Ablations reveal that increasing the number of sampled actions per state yields diminishing but still substantial gains, with only sub-linear increases in wall-clock training cost. Critic pretraining on process data is necessary for stable convergence; step-level rewards via PRM further increase reasonable operation ratios and final success rates.
Figure 6: Critic loss curves under different initialization strategies validate the necessity of PRM-aligned pretraining for stable joint optimization.
Android Coach's process reward model training relies on structured, balanced datasets with reasoning-context annotation for step-wise supervision.
Figure 7: Process Reward Model training format comprising instruction, state, action, and logical reasoning for reward assignment.
The prompt utilized for process reward judgment integrates context reasoning and rigorous action validation.

Figure 8: Prompt template for Process Reward Model ensuring meticulous step-level evaluation in GUI agent RL.
Implications and Future Directions
The SSMA paradigm fundamentally enhances agentic RL sample efficiency, establishing a blueprint for online RL algorithms in high-latency environments. By maximizing action exploration per state and leveraging step-level evaluative signals, Android Coach enables scalable improvement of GUI agents with fixed interaction budgets. Future research may integrate advanced system parallelism to further accelerate wall-clock training, extend process reward modeling to arbitrary environments, and develop non-LLM verifier architectures to reduce reward assignment hallucinations.

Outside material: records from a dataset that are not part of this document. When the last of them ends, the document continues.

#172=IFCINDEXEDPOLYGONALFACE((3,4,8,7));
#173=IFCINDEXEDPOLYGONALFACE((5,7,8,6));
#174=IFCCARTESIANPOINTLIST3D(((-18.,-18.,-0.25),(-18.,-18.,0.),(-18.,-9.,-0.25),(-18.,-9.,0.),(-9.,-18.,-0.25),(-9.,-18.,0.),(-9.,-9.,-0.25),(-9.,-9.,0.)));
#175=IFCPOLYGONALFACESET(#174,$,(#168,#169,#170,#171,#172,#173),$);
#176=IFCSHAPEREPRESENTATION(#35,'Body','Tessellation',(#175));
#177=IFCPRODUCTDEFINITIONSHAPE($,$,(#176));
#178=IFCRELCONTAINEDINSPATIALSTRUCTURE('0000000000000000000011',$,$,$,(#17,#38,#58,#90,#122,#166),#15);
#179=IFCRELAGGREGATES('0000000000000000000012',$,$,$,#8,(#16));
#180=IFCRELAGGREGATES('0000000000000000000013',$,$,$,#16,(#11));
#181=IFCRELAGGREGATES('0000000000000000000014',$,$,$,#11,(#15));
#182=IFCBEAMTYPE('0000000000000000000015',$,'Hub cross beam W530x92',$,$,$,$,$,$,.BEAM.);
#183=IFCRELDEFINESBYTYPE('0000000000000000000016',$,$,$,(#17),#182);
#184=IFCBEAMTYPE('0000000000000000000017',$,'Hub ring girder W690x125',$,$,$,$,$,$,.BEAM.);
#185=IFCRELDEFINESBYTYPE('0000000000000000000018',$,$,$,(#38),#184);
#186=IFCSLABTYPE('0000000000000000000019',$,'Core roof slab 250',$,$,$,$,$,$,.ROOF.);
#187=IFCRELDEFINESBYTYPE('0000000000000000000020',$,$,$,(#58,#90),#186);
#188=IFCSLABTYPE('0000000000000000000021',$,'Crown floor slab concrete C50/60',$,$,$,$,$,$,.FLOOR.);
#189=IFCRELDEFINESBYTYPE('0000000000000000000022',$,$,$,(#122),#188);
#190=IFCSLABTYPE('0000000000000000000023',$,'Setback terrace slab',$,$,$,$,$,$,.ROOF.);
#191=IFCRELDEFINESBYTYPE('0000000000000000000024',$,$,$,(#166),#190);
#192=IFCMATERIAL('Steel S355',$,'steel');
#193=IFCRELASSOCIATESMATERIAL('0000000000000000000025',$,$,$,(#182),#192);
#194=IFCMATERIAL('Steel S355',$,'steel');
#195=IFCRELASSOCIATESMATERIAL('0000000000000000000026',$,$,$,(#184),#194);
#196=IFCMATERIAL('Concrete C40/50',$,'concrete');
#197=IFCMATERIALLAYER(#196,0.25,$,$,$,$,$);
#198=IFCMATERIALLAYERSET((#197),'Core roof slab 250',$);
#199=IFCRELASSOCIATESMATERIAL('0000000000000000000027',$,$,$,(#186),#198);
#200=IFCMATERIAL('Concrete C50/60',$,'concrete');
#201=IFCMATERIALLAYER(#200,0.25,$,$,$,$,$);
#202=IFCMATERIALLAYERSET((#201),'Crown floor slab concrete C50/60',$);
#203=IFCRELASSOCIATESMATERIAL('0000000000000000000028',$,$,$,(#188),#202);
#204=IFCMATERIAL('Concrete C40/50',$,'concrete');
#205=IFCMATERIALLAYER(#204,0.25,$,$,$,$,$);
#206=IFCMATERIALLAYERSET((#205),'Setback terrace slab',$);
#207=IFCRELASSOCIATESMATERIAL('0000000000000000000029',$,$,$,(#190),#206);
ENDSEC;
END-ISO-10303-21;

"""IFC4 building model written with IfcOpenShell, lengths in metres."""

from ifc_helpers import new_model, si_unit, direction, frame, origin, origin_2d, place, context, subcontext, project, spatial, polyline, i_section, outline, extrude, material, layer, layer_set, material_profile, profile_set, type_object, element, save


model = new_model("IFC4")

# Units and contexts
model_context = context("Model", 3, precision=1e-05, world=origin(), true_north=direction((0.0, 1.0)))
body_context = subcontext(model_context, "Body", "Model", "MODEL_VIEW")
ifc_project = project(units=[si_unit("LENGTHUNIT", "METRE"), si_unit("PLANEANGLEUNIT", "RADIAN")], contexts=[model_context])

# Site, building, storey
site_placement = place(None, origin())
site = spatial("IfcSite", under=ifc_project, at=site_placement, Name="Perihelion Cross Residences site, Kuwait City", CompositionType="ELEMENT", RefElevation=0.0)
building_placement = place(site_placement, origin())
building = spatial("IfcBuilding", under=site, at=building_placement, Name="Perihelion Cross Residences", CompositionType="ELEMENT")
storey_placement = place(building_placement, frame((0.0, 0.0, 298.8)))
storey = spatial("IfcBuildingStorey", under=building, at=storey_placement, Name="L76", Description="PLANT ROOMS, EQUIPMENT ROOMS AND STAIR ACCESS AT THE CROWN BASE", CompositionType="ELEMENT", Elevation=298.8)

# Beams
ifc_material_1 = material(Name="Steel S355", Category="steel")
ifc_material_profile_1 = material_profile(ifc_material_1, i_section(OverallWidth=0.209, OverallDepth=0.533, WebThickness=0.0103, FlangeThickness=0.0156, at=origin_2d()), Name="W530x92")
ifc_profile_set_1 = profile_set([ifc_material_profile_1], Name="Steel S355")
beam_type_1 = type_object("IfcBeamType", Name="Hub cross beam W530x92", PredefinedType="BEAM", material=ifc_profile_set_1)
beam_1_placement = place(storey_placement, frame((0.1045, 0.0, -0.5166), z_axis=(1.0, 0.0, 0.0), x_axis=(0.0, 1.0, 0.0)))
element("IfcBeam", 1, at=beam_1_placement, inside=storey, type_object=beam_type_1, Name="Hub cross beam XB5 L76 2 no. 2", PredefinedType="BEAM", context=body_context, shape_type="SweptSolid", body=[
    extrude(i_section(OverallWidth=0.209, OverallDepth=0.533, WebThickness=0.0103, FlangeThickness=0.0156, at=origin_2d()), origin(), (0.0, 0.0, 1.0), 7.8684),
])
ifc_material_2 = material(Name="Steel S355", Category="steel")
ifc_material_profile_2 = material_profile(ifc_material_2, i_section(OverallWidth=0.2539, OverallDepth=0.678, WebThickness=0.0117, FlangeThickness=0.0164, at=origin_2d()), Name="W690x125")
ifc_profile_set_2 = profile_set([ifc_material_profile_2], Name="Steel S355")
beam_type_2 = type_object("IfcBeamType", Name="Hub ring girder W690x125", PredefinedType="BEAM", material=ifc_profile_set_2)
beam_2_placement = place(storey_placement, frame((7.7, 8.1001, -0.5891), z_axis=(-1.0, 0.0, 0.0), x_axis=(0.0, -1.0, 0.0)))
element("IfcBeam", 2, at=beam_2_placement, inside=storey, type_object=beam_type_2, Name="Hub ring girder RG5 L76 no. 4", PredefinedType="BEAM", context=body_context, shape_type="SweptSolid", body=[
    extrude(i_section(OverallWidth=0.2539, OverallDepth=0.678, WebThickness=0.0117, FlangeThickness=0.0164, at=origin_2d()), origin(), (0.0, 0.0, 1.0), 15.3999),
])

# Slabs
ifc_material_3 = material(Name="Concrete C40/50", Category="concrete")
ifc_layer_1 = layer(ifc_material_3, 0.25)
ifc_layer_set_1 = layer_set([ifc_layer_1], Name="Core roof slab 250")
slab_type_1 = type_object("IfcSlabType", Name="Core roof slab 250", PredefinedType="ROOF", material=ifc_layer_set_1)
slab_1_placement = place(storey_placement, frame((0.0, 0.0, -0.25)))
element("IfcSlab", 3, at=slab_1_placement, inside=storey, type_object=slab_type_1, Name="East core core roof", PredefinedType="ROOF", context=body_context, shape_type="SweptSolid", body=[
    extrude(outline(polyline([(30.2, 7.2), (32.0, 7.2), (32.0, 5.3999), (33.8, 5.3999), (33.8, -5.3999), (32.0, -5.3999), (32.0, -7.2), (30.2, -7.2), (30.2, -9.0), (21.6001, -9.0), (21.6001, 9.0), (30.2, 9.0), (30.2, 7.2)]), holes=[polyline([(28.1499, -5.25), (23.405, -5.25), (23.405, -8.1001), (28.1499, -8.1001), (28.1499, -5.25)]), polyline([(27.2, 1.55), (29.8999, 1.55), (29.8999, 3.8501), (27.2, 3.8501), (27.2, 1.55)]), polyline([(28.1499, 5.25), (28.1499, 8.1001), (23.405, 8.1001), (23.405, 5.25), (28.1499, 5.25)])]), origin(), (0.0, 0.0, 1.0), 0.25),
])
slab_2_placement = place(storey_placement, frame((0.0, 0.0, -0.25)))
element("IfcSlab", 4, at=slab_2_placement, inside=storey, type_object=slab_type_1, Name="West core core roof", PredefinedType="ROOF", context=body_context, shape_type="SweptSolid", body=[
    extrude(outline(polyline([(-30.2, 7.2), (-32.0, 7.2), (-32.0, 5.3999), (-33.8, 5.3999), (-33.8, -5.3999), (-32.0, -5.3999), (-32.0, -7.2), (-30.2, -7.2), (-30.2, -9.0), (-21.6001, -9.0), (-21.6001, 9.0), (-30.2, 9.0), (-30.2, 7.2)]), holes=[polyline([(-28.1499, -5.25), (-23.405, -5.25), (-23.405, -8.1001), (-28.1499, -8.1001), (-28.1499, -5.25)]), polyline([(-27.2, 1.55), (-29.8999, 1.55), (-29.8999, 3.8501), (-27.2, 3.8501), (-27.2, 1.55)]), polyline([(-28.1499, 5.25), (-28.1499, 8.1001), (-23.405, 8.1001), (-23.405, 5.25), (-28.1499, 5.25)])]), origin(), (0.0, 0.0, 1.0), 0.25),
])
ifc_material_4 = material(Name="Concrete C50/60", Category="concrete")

From a theoretical standpoint, the leave-one-out advantage formulation can be generalized to broader actor-critic domains, and the process reward principle paves the way for more granular credit assignment in sequential decision-making tasks.
Conclusion
Android Coach presents a robust and efficient RL training framework for GUI agents, leveraging Single State Multiple Actions to maximize sample efficiency and performance within the constraints of expensive emulator interactions. The integration of process rewards and leave-one-out advantage estimation ensures reliable guidance and stable convergence. Experimental validation confirms significant improvements over prevailing RL baselines—both in agentic success and training efficiency—making Android Coach a compelling paradigm for scalable, online reinforcement learning in GUI interaction environments (2604.07277).